FIG. 4 shows a first example of a sampling digitizer according to the present invention.
It is a block diagram showing an embodiment.

FIG. 5 is a timing chart for explaining the operation of the sampling digitizer shown in FIG.

FIG. 6 shows a second example of the sampling digitizer according to the present invention.
It is a block diagram showing an embodiment.

[Explanation of symbols]

 11: Sampling head 12: Clock generator 13: Digitizer 22: Thinning circuit 23: Multiplexer 100: IC tester main body 200: Test head

Claims (7)

[Claims] 1. A clock generating means for generating a clock signal at a predetermined sampling rate, and a high-speed repetitive signal inputted is sampled by a clock signal supplied from the clock generating means and converted into a low-speed data signal. A sampling unit, a signal waveform observation, measurement, or analysis device to which a low-speed data signal output from the sampling unit is supplied; and a clock signal supply path from the clock generation unit to the signal waveform observation, measurement, or analysis device. A sampling digitizer which is inserted and selectively thins out a clock signal applied to the signal waveform observation, measurement or analysis device. 2. A plurality of signal waveform observation, measurement or analysis devices, and a multiplexer for selectively supplying a low-speed data signal output from the sampling unit to the plurality of signal waveform observation, measurement or analysis devices.
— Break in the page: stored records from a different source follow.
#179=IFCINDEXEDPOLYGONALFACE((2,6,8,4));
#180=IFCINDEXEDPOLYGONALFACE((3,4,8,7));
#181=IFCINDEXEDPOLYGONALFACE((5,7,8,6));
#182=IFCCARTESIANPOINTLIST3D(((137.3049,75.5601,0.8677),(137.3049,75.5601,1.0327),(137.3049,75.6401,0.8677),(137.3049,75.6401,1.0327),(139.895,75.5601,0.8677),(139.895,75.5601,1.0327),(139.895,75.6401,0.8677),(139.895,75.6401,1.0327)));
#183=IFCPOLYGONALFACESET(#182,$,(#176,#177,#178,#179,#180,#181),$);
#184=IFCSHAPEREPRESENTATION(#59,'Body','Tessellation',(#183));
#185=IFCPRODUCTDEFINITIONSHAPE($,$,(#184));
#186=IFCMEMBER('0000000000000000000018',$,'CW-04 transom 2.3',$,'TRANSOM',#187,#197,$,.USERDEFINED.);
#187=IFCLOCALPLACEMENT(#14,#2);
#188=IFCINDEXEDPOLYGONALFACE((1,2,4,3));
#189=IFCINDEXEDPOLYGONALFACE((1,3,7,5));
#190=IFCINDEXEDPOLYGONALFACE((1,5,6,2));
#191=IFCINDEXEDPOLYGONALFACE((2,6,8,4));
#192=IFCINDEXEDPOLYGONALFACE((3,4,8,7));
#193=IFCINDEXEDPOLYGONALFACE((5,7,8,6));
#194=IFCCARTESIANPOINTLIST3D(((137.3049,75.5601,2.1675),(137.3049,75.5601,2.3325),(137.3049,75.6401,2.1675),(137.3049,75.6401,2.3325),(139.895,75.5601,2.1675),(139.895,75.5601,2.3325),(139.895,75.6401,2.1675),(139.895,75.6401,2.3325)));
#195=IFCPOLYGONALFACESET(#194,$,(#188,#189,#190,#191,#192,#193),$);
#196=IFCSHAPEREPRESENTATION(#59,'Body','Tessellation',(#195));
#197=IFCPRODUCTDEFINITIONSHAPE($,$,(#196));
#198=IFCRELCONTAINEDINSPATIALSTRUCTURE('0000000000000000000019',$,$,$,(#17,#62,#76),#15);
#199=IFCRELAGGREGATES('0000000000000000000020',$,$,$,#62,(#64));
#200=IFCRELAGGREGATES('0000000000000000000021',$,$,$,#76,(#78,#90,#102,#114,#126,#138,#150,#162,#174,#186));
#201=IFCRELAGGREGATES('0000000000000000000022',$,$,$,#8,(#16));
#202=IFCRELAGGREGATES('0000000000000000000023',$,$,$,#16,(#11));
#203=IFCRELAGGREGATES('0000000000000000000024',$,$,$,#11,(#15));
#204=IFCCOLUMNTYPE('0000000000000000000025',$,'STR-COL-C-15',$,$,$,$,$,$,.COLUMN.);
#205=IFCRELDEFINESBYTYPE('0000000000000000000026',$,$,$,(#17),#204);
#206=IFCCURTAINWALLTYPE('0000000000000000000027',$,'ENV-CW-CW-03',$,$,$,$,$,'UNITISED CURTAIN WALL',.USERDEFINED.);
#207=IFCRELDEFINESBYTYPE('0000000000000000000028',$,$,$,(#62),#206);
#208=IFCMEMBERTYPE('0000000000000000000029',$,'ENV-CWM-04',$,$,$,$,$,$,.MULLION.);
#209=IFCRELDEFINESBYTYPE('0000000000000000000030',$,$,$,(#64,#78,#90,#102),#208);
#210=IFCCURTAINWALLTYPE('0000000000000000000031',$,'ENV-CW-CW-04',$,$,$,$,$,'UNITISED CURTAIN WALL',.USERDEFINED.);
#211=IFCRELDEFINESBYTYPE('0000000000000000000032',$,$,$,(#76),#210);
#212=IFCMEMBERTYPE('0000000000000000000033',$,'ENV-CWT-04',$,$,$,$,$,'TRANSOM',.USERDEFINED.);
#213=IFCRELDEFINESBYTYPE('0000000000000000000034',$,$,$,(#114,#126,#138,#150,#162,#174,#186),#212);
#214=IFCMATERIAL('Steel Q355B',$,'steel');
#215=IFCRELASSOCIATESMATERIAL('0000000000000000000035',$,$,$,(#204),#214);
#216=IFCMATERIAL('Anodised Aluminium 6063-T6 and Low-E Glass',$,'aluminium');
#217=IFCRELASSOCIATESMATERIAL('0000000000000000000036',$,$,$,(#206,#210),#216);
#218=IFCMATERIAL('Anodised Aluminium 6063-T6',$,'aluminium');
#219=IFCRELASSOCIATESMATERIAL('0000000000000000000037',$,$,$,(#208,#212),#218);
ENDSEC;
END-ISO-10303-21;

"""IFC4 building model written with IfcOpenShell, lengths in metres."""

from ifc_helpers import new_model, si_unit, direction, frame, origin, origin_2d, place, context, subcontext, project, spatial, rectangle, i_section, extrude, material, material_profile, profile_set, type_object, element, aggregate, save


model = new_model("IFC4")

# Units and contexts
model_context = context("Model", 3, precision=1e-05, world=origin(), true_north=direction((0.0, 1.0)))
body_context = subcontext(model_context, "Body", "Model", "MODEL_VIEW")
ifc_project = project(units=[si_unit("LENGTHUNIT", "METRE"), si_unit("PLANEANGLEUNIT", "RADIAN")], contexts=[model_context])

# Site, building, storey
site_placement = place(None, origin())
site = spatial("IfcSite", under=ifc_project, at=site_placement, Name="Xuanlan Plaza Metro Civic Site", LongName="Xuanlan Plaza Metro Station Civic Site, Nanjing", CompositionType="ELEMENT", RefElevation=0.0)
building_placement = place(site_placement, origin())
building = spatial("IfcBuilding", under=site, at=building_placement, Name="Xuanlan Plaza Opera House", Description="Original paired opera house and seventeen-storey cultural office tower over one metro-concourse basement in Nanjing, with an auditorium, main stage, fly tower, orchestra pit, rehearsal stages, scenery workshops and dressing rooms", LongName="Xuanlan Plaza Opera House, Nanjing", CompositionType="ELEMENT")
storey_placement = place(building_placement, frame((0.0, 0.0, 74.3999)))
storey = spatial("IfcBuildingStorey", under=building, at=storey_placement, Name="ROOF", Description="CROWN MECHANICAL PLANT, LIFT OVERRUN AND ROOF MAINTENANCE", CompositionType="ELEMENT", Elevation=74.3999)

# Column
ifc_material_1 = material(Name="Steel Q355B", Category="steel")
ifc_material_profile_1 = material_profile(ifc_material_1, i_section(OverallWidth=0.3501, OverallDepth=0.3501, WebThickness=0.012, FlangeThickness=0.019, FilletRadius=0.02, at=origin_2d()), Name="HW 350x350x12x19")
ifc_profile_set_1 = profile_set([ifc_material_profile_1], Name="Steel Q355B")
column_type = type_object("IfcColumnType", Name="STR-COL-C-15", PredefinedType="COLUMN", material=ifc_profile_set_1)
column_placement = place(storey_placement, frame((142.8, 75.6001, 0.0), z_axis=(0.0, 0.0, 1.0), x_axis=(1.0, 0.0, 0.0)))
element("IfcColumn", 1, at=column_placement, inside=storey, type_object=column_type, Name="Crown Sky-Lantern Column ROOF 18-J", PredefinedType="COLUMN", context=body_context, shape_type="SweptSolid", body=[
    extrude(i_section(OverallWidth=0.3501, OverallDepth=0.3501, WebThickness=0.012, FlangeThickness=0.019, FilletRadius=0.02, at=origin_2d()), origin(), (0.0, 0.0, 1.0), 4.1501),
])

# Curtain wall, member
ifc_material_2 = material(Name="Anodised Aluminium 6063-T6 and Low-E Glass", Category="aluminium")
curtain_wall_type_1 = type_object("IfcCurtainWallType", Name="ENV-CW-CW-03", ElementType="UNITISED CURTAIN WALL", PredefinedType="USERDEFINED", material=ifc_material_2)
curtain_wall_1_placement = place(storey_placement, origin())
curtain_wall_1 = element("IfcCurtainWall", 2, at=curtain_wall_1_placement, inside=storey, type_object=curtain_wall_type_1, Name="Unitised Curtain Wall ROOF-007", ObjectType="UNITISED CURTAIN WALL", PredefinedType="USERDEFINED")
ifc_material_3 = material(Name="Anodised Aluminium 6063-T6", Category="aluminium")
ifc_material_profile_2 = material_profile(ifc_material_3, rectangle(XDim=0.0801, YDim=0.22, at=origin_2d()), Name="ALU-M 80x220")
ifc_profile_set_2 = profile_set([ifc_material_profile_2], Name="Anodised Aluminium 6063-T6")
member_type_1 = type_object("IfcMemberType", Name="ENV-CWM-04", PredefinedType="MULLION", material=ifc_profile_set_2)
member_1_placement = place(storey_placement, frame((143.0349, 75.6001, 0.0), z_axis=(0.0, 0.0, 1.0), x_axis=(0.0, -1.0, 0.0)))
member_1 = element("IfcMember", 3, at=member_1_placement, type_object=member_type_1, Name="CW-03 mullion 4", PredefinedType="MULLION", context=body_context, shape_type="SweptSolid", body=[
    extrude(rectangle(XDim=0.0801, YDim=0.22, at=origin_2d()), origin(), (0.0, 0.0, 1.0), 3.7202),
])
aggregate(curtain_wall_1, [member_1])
The sampling digitizer according to claim 1, further comprising: 3. The one multiplexer that supplies the low-speed data signal from among the plurality of signal waveform observation, measurement or analysis devices according to a decimation number set in the decimation means. The sampling digitizer according to claim 2, wherein an observation, measurement or analysis device is selected. 4. A decimation number set in the decimation means is m, and a sampling rate of the clock signal for sampling the high-speed repetitive signal is T1.
The sampling digitizer according to claim 1, wherein the low-speed data signal is read into the signal waveform observation, measurement, or analysis device at a sampling rate of (m + 1) × T1. 5. The sampling digitizer according to claim 1, wherein the signal waveform observation, measurement or analysis device is constituted by an oscilloscope. 6. A semiconductor which applies a test pattern signal to a semiconductor integrated circuit under test, logically compares response signals read out from the semiconductor integrated circuit under test, and judges pass / fail of the semiconductor integrated circuit under test based on the comparison result. An integrated circuit test apparatus, comprising: the sampling digitizer according to any one of claims 1 to 3. 7. The semiconductor integrated circuit test apparatus according to claim 6, wherein said sampling digitizer is mounted on a pin card housed in a test head of the semiconductor integrated circuit test apparatus.